According to this “writer”, if there aren’t slipper next to a bed, then the slippers are missing. Not that the person might not have or wear slipper. They are missing. And if you have a Violin in a window you are either “lying” or “showing off”… Not really sure how you get to that, oh wait you might also be a deceitful person or just egotistical.

“No violinist would put a violin in the window, it would be exposed to the sun and it’s heat. Consequently it would dry out and crack”. This might be true, I don’t know… But why does having as violin mean you play one, or that your a liar for having one but not playing it… maybe you’re a music buff, you love music composed with violins, and you saw it in a shop window and impulse bought it as decoration.

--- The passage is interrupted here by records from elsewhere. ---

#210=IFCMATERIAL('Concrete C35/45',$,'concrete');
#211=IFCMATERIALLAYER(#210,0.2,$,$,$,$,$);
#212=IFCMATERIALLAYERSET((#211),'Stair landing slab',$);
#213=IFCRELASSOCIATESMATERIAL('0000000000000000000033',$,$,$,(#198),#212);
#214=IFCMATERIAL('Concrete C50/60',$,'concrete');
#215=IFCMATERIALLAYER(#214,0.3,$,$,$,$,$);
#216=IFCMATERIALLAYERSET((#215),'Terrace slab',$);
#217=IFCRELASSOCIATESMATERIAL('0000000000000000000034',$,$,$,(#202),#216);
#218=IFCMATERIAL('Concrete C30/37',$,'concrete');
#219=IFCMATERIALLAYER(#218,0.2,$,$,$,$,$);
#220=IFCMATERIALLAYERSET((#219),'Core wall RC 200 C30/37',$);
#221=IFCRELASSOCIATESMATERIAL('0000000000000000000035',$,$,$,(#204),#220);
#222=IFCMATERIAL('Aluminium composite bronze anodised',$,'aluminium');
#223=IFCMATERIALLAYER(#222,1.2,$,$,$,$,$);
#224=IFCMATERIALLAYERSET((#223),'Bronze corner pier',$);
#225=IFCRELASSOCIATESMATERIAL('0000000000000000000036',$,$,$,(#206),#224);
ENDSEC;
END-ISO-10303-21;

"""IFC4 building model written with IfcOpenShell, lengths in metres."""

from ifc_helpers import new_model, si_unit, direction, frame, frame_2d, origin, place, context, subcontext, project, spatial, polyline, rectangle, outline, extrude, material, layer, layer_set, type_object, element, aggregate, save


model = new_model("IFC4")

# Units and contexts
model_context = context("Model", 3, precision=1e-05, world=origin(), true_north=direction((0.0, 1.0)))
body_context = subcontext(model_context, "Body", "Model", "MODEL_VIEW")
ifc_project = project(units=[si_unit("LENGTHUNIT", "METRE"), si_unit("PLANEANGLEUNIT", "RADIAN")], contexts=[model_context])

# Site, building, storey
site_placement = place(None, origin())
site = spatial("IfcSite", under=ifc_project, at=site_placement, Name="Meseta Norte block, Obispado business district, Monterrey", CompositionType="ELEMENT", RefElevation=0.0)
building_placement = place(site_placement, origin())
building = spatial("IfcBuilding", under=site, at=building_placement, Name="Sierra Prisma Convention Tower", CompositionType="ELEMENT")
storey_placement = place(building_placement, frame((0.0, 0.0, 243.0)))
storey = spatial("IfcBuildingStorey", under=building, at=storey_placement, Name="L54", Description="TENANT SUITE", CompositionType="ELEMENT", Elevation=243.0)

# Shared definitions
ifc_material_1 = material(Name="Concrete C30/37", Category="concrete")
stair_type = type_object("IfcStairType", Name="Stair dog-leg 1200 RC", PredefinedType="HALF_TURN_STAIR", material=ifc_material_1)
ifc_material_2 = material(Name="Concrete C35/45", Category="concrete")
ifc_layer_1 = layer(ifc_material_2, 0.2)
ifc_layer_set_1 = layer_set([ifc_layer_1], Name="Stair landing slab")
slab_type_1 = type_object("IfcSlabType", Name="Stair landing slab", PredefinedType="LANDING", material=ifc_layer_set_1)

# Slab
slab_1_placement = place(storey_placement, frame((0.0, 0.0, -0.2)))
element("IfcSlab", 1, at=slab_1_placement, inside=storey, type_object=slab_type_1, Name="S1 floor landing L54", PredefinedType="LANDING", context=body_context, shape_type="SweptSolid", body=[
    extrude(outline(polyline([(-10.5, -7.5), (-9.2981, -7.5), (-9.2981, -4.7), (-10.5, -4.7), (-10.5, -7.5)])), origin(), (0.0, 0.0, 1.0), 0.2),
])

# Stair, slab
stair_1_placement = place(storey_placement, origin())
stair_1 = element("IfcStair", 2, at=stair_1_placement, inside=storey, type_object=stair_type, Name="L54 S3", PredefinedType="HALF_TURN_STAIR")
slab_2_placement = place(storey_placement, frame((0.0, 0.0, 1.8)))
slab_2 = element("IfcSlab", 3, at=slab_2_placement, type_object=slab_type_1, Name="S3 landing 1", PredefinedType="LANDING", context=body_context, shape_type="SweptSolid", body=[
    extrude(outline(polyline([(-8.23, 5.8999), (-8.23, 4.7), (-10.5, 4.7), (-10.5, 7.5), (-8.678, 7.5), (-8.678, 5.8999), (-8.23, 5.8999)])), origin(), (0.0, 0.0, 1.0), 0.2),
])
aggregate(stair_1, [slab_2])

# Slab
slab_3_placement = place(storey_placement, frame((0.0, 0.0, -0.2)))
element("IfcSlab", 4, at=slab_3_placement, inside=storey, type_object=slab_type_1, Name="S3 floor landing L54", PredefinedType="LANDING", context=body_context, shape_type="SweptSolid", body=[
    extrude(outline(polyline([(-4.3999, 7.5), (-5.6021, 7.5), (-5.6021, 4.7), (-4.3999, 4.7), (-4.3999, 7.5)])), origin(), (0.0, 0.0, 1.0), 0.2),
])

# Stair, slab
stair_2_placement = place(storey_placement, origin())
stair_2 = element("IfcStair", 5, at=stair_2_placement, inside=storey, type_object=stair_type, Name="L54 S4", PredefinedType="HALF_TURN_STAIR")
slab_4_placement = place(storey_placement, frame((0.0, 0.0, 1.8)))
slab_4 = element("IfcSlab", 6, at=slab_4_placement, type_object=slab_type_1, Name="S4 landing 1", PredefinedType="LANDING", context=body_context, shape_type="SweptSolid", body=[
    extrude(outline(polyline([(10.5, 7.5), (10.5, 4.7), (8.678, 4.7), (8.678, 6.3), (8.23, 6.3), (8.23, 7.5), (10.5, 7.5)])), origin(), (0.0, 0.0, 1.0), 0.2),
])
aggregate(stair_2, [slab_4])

My point is, having a violin but not playing it doesn’t make you a lair, a show off, or egotistical.

The “writer” also says that not having a crevice in your pillow (on your bed) means you have trouble relaxing, because you do not sit up in bed reading!? And you don’t have a haddock next to your chair to rest your feet…!?

Clearly this “writer” want’s to be a deductionist so badly, and what’s to seem like he knows what he is talking about that he will Google an image and then just make up a bunch of bullshit to fit his needs… “I’m good at this, let me teach you.”

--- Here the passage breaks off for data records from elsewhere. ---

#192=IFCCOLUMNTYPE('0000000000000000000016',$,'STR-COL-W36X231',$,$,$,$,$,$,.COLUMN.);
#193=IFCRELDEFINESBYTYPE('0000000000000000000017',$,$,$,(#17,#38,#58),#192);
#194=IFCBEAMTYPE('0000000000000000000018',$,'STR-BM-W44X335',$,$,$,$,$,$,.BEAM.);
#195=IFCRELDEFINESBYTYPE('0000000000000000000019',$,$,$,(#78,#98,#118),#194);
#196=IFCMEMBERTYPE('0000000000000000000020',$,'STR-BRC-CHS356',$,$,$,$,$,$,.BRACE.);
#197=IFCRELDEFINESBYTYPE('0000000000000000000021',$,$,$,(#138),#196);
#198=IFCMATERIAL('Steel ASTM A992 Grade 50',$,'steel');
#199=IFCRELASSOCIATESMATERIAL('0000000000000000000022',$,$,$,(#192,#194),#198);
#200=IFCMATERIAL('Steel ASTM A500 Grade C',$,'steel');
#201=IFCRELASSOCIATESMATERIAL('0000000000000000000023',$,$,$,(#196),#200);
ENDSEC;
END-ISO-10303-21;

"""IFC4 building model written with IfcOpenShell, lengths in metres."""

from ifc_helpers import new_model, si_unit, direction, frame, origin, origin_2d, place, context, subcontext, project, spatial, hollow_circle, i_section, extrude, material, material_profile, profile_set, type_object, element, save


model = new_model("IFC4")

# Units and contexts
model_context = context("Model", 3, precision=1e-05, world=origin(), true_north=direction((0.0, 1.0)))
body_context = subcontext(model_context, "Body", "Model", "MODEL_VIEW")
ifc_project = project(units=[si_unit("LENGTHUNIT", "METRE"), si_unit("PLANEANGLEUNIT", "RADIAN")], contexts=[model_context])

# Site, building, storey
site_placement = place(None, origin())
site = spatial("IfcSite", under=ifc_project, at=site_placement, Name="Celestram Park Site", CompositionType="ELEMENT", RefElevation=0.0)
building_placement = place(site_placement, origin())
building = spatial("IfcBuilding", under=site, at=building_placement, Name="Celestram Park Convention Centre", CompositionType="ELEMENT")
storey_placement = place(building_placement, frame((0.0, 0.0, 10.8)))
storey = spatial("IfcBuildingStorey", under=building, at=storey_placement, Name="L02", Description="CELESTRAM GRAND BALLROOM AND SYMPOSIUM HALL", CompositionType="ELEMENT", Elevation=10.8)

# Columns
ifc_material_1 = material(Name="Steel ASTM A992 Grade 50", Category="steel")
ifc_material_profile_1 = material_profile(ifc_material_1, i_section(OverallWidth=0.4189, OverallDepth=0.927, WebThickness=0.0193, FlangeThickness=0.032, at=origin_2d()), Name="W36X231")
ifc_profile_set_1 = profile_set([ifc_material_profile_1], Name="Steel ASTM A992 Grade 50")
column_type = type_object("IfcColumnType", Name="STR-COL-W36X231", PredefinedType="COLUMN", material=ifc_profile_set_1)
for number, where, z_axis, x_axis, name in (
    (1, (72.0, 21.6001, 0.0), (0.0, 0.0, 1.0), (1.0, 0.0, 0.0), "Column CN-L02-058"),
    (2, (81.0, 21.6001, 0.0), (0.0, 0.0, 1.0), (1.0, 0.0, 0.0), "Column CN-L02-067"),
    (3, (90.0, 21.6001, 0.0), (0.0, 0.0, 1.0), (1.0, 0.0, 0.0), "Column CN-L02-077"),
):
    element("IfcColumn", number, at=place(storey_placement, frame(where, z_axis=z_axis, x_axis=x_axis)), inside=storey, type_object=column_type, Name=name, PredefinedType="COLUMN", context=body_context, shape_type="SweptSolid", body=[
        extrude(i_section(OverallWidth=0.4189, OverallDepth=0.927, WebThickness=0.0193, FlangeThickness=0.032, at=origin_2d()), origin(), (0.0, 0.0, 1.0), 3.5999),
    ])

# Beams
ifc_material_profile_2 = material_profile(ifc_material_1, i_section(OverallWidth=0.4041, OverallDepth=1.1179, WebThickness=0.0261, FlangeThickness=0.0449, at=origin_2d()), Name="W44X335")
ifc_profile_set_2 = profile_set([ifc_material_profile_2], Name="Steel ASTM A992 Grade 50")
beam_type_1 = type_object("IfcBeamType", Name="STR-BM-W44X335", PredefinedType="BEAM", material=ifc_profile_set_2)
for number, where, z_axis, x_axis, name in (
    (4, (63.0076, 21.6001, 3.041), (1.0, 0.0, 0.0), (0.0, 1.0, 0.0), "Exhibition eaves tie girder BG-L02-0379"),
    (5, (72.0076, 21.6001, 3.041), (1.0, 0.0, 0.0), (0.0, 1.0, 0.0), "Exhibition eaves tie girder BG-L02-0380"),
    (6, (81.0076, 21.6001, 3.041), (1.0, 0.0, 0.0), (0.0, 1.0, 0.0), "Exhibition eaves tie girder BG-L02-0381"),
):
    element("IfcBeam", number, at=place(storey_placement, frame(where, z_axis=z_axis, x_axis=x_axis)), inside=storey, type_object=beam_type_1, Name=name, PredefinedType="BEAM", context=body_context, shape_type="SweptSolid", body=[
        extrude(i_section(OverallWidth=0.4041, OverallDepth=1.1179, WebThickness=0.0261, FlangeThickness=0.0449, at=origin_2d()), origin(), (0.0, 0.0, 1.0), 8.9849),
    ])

Looking at one piece of evidence, a violin in a window, doesn’t say anything about a person, unless you have other evidence to add to that to induce or infer who this person is, one piece of evidence says nothing unless you back it up with something else. Does this person have a music sheet stand, or a music collection filled violin music. Or did this person simply think it looked cool… It sure as shit doesn’t mean you’re a lair.

I don’t seem to be reading about seeing the truth in these books. It’s more like seeing this one thing and infer something, that thing you inferred is the truth… They all harp of about Sherlock Holmes but are quick you jump in with inferences… rather then tell their readers to base “theories to suit facts, not facts to suit theories.” Also “Data data data, I can’t make bricks without clay.”

Self published books this short have no value in this kind of subject. In order to make good deductions/inductions/inferences is to have the knowledge to understand what you are looking at. These books tell you from the start that reading them means you’ll be better at it… Then go on to tell you nothing.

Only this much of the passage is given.